That's very helpful.


----------



## Michael (Jan 14, 2010)

In a nutshell, there is but one _ultimate_ criterion for salvation and it is not defined by any watermark of human knowledge or understanding.


----------



## a mere housewife (Jan 14, 2010)

Thanks, Michael: that is not only true but good to be reminded of (I tend to begin worrying 'Have I understood _well enough_ then' etc., about the necessary doctrines) -- my confusion has been about how that gets 'worked out' into the way we speak about things that must be believed in order to be saved, esp as examined in light of those who are not mentally capable of confessing such things. I think I understand a bit better after reading through the replies -- I have been stating the question in the wrong way, not making the right distinctions, and making wrong ones.


----------



## Notthemama1984 (Jan 14, 2010)

I think we should also remember that regeneration comes before faith. Without regeneration, saving faith cannot occur. So the first domino of necessary things is being born of the Spirit which is a work started and finished in the working of the Godhead. Once you are regenerated, you are saved and all other things that we deem as necessary (i.e. faith, changed life, etc.) will occur automatically.


----------



## Prufrock (Jan 14, 2010)

Heidi, this is why I think it's best to speak in terms of visible church communion: that is, to speak in terms of God's objective, visible standards rather than invisible and subjective ones. Simply put, we're not going to know who is or is not regenerate; but we *can* know who is and is not received into communion with the visible church which professes the fundamental articles of the faith. I think we have lost too much by thinking in terms of the almost universal paradigm which has subtlety insinuated itself in our minds of "me and my faith" -- which is wholly subjective -- instead of "our faith professed together ecclesiastically" -- which is objective.

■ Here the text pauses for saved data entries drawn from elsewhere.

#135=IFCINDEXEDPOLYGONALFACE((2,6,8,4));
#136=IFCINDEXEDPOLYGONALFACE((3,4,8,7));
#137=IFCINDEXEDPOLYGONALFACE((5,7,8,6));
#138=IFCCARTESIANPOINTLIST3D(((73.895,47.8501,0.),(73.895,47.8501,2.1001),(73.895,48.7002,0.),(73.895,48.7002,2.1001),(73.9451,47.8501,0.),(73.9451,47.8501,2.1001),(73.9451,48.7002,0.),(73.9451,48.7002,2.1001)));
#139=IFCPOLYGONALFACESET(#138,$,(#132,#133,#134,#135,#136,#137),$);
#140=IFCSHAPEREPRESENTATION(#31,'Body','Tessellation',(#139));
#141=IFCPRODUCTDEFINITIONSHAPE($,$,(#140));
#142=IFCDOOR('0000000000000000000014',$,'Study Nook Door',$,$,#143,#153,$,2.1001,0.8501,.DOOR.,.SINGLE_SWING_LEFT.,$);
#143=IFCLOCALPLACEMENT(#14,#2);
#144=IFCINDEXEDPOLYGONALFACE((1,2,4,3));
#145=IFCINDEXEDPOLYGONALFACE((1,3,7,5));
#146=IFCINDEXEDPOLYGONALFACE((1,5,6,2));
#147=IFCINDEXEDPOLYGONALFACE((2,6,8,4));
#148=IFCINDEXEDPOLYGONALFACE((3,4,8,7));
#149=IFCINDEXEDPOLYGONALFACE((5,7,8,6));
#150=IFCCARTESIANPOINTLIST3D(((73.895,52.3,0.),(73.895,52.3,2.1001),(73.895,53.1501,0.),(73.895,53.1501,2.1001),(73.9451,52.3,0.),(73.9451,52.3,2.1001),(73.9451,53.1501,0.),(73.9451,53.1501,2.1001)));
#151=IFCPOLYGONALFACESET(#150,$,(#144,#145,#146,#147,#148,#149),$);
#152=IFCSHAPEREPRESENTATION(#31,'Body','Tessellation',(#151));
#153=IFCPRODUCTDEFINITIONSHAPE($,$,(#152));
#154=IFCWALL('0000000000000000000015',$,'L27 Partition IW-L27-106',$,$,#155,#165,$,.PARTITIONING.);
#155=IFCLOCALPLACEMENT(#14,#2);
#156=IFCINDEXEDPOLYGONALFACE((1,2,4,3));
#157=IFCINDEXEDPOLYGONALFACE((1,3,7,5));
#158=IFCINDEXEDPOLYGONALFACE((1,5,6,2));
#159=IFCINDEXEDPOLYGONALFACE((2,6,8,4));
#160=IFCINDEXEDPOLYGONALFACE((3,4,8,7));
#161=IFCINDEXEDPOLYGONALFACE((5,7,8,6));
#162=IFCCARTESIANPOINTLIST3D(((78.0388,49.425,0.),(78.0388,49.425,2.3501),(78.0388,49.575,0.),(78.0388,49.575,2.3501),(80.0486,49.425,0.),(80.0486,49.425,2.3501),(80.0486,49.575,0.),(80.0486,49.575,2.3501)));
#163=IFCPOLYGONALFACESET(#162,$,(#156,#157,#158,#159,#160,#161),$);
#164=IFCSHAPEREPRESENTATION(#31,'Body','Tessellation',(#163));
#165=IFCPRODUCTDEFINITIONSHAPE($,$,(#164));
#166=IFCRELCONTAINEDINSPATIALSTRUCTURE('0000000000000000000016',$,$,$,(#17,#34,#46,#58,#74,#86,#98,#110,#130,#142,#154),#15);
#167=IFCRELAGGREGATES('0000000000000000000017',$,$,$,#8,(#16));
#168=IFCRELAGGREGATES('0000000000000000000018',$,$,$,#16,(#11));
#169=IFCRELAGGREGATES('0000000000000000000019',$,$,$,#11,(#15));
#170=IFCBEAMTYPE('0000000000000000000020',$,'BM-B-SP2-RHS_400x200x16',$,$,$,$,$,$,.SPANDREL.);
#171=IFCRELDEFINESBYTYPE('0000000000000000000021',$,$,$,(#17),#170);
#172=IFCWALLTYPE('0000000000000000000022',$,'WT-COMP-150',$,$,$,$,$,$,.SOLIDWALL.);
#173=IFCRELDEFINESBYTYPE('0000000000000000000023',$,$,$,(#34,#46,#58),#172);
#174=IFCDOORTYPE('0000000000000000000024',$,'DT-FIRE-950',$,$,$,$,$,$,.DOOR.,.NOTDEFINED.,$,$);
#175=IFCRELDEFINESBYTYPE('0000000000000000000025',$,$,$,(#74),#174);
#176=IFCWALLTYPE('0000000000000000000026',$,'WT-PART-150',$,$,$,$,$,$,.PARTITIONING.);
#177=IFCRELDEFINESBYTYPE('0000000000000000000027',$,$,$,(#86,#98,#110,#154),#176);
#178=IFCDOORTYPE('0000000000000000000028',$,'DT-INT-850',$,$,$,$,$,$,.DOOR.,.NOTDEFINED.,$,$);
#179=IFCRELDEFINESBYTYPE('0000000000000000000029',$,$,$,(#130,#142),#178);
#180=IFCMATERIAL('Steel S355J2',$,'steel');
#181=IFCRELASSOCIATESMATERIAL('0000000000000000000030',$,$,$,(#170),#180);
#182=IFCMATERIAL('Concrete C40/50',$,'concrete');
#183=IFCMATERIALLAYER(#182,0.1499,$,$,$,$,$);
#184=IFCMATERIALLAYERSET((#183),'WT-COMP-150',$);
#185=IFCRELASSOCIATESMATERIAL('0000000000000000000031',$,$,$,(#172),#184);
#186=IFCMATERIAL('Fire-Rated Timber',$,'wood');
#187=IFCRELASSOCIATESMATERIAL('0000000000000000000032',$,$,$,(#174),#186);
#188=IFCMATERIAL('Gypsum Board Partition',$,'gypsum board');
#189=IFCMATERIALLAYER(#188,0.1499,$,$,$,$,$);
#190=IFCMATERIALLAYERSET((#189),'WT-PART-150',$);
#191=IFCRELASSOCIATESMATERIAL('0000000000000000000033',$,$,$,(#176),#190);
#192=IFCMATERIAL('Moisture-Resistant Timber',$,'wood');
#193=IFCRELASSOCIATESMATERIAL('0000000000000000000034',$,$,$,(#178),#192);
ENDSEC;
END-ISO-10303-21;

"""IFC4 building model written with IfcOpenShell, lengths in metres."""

So, to speak of the example of the missionary among the tribal people: We do not nor cannot know when or at what point a person is or can be regenerated. But at the same time, if we are following the pattern of command in Christ's commission at the close of Matthew, then it doesn't really matter: we make disciples of them, teaching them first the fundamentals of the faith, receiving a profession from them whereby they are received into the church, and continue to disciple them, continually exhorting them to presently cling to Christ as present in the gospel being taught. We know that regeneration will happen in God's good timing, and that our ministers must earnestly and faithfully preach the word, and that we must earnestly and faithfully endeavor to receive it, pressing to make our calling and election sure.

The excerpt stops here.